# QuantLib: Is the StochasticProcess class adapt for a HJM type of modelling?

I would like to use the following model in QuantLib:

$\frac{dF(t,T)}{F(t,T)} = \sigma_se^{-\beta(T-t)}dW_{t}^{1} + \sigma_L\left(1-e^{-\beta(T-t)}\right)dW_{t}^{2}$

This is a reformulation of the Schwartz Smith model (Schwartz-Smith). $F(t,T)$ is the commodity future price and the model is to be calibrated to American option prices (options on futures).

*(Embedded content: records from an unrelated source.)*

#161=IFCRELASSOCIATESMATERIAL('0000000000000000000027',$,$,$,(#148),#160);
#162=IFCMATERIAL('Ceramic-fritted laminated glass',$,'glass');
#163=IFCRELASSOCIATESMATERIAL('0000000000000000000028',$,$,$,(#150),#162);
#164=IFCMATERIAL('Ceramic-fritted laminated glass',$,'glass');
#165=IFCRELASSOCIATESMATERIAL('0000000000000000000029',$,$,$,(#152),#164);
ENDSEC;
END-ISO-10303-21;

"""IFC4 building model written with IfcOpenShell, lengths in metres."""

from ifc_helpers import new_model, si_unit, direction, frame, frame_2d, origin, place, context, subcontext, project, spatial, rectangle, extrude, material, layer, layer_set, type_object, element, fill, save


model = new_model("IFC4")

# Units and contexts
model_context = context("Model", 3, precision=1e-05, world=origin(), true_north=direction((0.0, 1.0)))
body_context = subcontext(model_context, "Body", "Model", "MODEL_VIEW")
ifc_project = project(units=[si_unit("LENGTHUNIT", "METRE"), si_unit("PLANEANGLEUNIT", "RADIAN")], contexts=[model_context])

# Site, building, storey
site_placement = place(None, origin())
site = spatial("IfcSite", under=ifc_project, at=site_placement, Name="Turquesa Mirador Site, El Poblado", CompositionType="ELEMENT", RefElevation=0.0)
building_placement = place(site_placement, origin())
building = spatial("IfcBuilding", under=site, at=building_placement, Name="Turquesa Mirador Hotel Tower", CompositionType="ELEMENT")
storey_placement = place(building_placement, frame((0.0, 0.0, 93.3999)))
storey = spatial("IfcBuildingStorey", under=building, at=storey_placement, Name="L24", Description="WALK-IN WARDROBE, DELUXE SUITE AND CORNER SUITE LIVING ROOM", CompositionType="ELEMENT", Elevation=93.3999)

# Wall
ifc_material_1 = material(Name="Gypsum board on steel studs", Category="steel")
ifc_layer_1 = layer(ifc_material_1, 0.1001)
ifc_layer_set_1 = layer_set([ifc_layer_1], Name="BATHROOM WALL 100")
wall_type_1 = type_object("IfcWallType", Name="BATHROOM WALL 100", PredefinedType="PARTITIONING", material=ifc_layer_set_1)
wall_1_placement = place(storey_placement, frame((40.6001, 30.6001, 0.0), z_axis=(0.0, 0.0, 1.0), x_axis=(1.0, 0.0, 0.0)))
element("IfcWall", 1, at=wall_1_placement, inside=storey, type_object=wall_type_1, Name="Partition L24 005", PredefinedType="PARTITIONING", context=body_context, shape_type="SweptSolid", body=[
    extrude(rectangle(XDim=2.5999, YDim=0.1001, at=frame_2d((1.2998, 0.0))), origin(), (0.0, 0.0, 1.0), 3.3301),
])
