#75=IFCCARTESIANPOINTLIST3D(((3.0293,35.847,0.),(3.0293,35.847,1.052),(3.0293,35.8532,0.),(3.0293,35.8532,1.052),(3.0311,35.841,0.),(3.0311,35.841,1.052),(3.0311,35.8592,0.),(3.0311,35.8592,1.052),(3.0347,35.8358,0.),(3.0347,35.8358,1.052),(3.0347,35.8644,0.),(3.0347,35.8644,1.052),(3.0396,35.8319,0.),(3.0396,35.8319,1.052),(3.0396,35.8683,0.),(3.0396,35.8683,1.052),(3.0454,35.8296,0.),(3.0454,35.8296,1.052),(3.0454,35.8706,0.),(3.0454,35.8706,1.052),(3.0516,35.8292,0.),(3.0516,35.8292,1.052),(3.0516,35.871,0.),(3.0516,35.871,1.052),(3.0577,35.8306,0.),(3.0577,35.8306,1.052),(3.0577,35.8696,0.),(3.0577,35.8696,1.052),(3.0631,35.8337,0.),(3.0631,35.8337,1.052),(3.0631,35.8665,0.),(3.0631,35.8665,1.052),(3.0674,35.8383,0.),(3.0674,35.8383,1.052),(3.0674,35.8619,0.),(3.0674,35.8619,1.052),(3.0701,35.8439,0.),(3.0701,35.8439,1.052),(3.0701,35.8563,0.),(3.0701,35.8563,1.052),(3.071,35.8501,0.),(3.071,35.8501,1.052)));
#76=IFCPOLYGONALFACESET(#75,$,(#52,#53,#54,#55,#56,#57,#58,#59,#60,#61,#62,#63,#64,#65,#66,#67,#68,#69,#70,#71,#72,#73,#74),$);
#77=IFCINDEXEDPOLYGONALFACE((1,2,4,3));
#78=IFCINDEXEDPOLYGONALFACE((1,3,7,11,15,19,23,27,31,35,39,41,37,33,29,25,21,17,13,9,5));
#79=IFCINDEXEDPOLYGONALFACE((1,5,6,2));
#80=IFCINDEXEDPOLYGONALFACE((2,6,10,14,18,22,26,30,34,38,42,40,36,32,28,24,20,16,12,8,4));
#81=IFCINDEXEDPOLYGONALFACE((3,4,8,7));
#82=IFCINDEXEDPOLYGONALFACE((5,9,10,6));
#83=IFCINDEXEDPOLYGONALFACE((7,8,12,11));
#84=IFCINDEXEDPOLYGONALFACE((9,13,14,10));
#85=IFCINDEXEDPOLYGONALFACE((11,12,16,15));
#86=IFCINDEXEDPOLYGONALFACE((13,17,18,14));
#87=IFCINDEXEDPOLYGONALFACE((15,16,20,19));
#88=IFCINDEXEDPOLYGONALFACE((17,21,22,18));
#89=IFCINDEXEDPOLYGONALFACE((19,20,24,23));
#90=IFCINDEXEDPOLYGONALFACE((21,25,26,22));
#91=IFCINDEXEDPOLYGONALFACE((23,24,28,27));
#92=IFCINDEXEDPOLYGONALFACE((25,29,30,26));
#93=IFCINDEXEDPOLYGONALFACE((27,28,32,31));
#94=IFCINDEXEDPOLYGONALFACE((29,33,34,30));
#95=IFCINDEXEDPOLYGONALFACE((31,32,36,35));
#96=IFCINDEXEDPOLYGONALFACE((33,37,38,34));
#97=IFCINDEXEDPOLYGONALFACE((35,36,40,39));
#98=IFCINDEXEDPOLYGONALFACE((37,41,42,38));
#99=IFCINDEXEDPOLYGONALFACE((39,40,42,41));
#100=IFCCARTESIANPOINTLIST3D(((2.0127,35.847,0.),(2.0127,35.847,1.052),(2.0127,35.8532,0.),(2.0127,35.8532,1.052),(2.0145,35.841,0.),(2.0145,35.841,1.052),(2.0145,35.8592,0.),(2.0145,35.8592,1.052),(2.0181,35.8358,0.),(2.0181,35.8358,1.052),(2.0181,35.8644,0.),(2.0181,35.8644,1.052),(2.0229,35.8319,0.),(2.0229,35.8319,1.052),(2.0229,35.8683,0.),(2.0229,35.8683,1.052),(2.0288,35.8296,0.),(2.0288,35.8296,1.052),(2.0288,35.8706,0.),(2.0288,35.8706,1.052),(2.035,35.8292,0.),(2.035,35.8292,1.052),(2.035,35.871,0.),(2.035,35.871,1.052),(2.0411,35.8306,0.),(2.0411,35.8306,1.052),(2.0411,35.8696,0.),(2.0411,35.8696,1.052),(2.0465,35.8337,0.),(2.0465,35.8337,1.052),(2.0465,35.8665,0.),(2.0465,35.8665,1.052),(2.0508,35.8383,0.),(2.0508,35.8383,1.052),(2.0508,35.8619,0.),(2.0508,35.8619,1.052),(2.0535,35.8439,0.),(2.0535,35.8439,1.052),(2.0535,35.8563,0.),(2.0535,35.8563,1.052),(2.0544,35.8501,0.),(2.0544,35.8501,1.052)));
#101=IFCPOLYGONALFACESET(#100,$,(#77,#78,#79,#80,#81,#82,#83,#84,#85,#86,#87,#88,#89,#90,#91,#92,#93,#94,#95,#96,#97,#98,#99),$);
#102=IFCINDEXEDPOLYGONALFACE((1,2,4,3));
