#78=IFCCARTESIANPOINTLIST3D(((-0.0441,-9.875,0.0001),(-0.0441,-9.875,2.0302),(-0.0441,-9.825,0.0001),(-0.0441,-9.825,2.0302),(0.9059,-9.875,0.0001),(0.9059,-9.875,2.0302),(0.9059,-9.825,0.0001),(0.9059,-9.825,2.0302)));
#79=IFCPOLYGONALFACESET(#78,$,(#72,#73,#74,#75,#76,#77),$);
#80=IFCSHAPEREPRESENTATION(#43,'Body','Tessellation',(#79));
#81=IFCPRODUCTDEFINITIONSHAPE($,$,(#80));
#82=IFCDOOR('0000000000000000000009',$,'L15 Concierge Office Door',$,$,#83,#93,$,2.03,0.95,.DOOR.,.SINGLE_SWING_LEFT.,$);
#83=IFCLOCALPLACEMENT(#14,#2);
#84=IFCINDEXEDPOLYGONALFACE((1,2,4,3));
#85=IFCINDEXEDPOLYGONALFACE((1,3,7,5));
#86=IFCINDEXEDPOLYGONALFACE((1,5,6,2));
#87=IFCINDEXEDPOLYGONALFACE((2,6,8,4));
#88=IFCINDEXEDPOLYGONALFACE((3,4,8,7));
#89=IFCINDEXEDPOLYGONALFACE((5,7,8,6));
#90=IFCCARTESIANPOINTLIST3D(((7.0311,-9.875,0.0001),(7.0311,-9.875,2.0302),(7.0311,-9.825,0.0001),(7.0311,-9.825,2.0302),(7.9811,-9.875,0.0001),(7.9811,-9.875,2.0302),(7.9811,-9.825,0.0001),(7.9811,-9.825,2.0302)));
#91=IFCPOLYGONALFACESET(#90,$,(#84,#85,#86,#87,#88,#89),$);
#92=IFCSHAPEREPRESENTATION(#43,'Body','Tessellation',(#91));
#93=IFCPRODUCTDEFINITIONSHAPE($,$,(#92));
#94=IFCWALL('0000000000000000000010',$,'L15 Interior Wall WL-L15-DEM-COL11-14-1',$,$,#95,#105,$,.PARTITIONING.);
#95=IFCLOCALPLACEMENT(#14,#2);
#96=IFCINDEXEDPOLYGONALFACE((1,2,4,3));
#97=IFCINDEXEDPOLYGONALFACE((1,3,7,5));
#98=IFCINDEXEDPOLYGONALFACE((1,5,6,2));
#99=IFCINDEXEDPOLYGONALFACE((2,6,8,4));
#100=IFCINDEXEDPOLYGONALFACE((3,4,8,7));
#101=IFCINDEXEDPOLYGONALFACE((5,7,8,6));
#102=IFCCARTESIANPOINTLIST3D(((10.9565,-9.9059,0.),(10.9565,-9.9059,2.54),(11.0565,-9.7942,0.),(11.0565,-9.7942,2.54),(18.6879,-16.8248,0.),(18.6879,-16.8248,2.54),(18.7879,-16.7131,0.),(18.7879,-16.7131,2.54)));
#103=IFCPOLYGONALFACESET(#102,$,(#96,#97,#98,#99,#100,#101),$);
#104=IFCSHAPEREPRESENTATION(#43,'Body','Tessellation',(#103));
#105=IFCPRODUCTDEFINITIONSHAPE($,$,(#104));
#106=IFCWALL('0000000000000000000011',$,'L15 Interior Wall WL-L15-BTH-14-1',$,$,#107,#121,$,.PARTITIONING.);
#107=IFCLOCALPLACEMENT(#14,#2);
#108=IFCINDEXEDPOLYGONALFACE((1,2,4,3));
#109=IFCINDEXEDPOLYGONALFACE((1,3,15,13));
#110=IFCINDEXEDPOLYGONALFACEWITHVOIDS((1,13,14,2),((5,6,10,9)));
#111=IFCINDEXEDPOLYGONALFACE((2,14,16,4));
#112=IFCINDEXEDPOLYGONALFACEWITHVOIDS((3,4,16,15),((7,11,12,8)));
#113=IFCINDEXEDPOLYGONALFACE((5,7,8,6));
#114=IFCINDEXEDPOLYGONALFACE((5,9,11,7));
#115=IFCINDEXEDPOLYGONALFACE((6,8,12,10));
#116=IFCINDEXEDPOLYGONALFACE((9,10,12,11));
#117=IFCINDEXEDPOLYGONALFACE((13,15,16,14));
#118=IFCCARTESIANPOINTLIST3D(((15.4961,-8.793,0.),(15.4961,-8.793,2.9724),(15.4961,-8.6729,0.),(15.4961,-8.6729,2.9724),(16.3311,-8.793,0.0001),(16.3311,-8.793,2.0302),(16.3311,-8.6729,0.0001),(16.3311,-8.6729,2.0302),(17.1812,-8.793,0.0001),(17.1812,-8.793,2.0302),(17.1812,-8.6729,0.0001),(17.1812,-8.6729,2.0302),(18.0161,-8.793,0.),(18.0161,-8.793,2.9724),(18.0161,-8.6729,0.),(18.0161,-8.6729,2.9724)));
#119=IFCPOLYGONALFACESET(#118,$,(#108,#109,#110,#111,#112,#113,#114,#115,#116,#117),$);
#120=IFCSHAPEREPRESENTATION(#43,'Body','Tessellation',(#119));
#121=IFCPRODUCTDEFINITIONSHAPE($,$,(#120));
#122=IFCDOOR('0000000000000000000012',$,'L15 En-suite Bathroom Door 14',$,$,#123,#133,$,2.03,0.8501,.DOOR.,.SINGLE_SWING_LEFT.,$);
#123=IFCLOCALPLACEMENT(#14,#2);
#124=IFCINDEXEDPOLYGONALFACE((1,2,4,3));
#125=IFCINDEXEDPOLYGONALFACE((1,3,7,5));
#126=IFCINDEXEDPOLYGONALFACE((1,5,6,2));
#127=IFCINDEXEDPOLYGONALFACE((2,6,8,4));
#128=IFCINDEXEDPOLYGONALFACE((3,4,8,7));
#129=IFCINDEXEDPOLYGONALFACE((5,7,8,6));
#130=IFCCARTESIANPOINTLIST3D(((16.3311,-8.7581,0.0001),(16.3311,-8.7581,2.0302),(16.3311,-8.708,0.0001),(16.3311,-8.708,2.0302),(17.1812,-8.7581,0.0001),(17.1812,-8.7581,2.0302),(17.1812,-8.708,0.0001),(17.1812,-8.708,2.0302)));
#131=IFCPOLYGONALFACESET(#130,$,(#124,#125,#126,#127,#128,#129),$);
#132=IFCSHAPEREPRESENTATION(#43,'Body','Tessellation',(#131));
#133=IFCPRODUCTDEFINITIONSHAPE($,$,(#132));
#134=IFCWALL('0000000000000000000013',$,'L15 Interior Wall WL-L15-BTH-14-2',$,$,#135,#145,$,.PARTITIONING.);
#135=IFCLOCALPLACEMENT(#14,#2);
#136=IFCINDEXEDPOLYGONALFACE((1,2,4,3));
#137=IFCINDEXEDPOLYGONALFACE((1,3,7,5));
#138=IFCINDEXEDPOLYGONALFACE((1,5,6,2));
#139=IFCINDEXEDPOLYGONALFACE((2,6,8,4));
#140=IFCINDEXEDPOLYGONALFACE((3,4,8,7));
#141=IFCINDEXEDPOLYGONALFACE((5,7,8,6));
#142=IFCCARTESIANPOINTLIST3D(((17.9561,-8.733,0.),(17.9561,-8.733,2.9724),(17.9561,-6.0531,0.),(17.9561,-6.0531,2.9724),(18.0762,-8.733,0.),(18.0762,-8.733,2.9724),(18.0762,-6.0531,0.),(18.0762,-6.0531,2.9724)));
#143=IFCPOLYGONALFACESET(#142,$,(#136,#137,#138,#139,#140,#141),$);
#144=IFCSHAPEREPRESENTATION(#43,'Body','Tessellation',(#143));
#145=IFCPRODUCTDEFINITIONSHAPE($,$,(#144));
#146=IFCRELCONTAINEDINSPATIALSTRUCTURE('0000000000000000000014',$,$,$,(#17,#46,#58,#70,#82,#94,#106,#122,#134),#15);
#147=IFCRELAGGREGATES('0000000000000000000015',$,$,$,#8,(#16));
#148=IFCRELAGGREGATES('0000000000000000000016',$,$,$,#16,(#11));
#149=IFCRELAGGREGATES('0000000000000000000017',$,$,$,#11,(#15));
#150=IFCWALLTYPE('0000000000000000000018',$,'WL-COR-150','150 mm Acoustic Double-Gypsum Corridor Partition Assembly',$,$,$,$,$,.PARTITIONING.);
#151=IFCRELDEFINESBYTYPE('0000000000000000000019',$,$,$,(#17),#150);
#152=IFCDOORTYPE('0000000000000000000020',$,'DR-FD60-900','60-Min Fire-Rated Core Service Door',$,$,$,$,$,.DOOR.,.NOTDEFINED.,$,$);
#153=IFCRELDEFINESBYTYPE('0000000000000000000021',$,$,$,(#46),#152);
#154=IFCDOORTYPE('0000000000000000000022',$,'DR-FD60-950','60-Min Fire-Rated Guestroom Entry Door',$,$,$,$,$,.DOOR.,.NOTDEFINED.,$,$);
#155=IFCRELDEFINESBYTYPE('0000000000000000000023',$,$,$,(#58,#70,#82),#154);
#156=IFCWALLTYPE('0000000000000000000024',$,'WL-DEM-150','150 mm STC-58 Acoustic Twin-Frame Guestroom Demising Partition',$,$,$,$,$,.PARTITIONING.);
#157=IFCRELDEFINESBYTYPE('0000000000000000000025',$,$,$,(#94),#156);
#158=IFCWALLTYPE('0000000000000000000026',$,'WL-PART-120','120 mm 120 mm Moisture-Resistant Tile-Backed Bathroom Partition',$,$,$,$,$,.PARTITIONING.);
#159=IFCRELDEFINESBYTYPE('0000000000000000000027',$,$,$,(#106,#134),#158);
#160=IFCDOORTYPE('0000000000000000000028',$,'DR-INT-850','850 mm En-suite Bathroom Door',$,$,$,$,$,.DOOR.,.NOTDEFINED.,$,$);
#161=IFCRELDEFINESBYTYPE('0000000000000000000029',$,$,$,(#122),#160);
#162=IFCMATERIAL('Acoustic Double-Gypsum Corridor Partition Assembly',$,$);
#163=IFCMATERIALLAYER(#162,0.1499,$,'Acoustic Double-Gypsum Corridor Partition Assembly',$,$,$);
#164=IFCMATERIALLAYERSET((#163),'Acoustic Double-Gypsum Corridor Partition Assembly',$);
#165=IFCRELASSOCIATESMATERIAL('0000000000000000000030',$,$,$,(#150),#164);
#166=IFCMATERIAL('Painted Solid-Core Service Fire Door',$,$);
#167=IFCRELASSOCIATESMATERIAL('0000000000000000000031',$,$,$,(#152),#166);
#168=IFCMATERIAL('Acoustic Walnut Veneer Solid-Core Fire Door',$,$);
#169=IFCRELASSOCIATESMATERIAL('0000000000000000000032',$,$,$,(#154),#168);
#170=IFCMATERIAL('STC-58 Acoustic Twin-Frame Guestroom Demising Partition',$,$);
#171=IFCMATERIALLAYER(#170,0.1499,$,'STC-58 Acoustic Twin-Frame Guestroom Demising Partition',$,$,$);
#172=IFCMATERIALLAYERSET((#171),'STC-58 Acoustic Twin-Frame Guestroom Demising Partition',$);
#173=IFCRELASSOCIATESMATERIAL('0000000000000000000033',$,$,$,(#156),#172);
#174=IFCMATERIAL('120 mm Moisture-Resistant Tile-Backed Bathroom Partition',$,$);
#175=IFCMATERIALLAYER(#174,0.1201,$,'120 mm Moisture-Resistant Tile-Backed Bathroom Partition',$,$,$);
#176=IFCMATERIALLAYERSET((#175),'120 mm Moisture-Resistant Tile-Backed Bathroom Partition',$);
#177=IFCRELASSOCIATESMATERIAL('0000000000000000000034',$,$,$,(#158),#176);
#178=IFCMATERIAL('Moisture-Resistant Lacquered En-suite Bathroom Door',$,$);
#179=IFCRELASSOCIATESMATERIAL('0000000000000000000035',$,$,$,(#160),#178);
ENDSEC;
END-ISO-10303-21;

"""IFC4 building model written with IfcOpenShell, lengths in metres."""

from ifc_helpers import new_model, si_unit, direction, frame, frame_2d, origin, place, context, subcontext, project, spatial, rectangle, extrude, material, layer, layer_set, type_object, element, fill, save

I plan to proceed in the following way:

1. Derive a class from StochasticProcess for the process.
2. Implement a PricingEngine for the analytical formula of european options.
3. Implement a PricingEngine for American Options. I will use the Barone-Adesi/Whaley approximation. I have adapted the algorithm to use it with this model. I cannot use the provided implementation in the library though. My implementation will follow the lines of the one in the library I just have to plug-in 3 things: the analytical formula for the european option, the delta and the term that multiplies the second derivative wrt $F$ in the pricing PDE (the first two coming from the european pricing engine and the last one coming from the process).
4. Implement a CalibratedModel.
5. Implement a CalibrationHelper.

My problem is with point number 1. Is it OK to use the StochasticProcess class ? or should I implement a different class because in fact I'm modelling a family of processes, one for each T?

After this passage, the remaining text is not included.